Fanny contemplated the scene impassively, radiating satisfaction at having found me and not in the least discerning the possible consequences of what she had unleashed.
Luis continued to address me: “From what I see, it hasn’t exactly been a few days of holidays that you’ve taken, right, Blanca? Evidently you’ve been working hard and, moreover, without wavering from your commitment.”
“That’s right,” I said. “And Professor Carter is helping me.”
“On the other hand, that doesn’t seem quite right, given the fact that he’s no longer connected to this university. Nor do I understand what all these documents belonging to the university are doing in his place. In case you don’t recall, these papers are restricted and should not be been taken out of the university without authorization.”
Where was the Luis Zarate who had prepared cocktails at my party, who had flirted with me unabashedly at Los Olivos, who had tried to kiss me and offered me what seemed like sincere affection?
“This material does not belong to the university: it’s mine,” Daniel corrected him before I could say anything. His tone was bitter and force
ful, so that there could be no doubt about his opinion of the department chair.
Taking a few bills out of his pocket, Luis changed his tone as he said, “Fanny, darling, would you mind going for some pizzas? Whichever ones you want, whichever you like best. Thanks, dear. And take your time, there’s no rush.”
When Fanny had left, we explained how those documents had come into our hands.

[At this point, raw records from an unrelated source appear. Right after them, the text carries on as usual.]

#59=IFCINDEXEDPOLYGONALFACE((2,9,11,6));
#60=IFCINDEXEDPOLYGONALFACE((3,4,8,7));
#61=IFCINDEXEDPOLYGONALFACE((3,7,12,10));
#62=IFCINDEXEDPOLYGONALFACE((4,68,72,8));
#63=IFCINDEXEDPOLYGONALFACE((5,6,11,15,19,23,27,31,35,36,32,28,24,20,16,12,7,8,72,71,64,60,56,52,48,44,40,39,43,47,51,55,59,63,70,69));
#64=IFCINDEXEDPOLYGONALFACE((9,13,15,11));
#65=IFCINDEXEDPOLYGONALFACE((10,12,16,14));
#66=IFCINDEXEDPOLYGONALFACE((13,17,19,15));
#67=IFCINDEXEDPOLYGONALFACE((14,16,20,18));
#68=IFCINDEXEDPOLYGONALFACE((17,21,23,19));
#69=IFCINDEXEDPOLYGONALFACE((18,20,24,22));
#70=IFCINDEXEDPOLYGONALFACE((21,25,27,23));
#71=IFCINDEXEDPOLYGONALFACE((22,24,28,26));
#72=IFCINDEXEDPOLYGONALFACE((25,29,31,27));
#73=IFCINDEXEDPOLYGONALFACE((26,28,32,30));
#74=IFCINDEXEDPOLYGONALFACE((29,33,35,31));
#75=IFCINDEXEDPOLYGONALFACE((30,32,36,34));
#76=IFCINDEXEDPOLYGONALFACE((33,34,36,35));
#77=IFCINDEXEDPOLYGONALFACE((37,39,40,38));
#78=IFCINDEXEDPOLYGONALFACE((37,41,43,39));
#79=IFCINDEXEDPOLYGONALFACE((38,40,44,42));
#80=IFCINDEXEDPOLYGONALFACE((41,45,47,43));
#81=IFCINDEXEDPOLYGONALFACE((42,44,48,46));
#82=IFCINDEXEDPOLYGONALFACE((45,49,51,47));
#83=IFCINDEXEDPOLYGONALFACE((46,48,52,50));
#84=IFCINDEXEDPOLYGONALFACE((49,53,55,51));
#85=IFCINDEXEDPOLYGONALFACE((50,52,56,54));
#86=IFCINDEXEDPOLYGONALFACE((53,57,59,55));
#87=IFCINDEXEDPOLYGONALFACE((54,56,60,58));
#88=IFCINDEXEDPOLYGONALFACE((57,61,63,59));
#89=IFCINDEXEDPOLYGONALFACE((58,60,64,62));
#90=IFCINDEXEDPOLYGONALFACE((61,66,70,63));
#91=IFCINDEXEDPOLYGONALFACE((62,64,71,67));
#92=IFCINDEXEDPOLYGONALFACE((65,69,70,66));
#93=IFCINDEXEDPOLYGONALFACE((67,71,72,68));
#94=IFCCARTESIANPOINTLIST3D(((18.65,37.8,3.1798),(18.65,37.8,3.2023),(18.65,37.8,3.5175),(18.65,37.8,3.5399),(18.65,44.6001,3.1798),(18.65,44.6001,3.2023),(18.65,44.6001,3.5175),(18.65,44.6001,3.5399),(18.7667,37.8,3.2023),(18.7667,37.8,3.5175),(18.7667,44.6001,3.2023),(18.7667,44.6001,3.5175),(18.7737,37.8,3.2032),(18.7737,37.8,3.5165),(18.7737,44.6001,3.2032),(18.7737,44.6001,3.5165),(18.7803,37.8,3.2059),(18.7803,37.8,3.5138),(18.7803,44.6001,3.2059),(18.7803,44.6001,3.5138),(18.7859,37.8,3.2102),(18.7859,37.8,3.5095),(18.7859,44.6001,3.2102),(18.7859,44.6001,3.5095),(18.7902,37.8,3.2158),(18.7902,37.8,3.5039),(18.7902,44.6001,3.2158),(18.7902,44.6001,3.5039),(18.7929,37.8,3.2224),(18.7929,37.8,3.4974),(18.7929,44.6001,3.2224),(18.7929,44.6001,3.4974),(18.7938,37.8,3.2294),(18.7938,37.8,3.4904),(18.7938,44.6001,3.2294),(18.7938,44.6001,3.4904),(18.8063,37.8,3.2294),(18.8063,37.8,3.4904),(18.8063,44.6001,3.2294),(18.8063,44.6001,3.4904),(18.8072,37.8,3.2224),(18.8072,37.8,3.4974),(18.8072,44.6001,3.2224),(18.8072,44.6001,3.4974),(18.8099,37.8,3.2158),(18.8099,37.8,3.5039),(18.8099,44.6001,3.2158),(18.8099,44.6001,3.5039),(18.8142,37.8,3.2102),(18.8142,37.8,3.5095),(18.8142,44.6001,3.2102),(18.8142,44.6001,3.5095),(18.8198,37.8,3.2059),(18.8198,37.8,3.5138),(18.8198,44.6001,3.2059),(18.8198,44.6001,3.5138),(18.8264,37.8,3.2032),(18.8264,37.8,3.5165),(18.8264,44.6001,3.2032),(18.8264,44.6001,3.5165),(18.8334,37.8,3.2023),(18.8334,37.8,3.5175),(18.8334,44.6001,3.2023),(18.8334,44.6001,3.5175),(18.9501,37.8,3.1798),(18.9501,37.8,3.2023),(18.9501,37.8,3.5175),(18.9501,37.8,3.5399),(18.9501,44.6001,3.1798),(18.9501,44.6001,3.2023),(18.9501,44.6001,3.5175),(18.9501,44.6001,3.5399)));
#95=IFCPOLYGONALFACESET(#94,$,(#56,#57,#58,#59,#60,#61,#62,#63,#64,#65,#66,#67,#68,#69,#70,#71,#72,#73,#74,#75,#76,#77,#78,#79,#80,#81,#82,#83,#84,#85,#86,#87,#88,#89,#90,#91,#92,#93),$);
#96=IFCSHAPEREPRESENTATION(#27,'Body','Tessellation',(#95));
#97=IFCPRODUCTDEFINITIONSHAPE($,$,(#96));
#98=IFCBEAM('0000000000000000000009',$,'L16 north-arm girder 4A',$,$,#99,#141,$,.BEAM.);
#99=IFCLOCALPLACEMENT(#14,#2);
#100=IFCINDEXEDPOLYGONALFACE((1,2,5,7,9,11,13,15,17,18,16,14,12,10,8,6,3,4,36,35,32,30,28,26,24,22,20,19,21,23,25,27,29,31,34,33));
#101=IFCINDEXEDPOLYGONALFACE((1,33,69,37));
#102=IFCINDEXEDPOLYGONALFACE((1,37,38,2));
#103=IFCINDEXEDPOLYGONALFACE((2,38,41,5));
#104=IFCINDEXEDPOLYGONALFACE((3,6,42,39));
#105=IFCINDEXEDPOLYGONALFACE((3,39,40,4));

We told Luis only about seventy percent of the truth. We mentioned Darla Stern’s garage, but not the checks that were paid; we spoke to him about the distant relationship between Fontana and Daniel, but not of the thirty years that the former pupil had decided to cast his mentor into oblivion. In any case, and in spite of our effort to come across as credible, Luis had difficulty accepting our version of the facts.
“All very laudable, no doubt about it. But from the evidence I gather the following,” he said, extending both hands over our cluttered table. “That all this material is part of what Professor Andres Fontana left behind in the department at the time of his death—a department that I now run—and that right now it is in the private home of an individual unaffiliated with the university and who was clearly facilitated illicitly by the researcher assigned to process it.”
“Luis, please . . .” I pleaded.
“So, much to my chagrin, I believe that my official duty is to demand that all this be taken out of here immediately and, afterwards, that you draw up a report explaining this series of irregularities. A report that I’ll have to send to the dean, of course.”
Daniel and I exchanged another quick glance, but neither of us said a word.
“And most likely,” he went on, in a tone of superiority that he’d never used in my presence before, “my duty will also entail sending the aforesaid report to your university, Blanca.”
“I don’t think they’ll be too interested,” I said with a touch of insolence.
He ignored my comment.
“And as far as you’re concerned, Carter, rest assured that I’ll also find a way for my report to reach Santa Barbara.”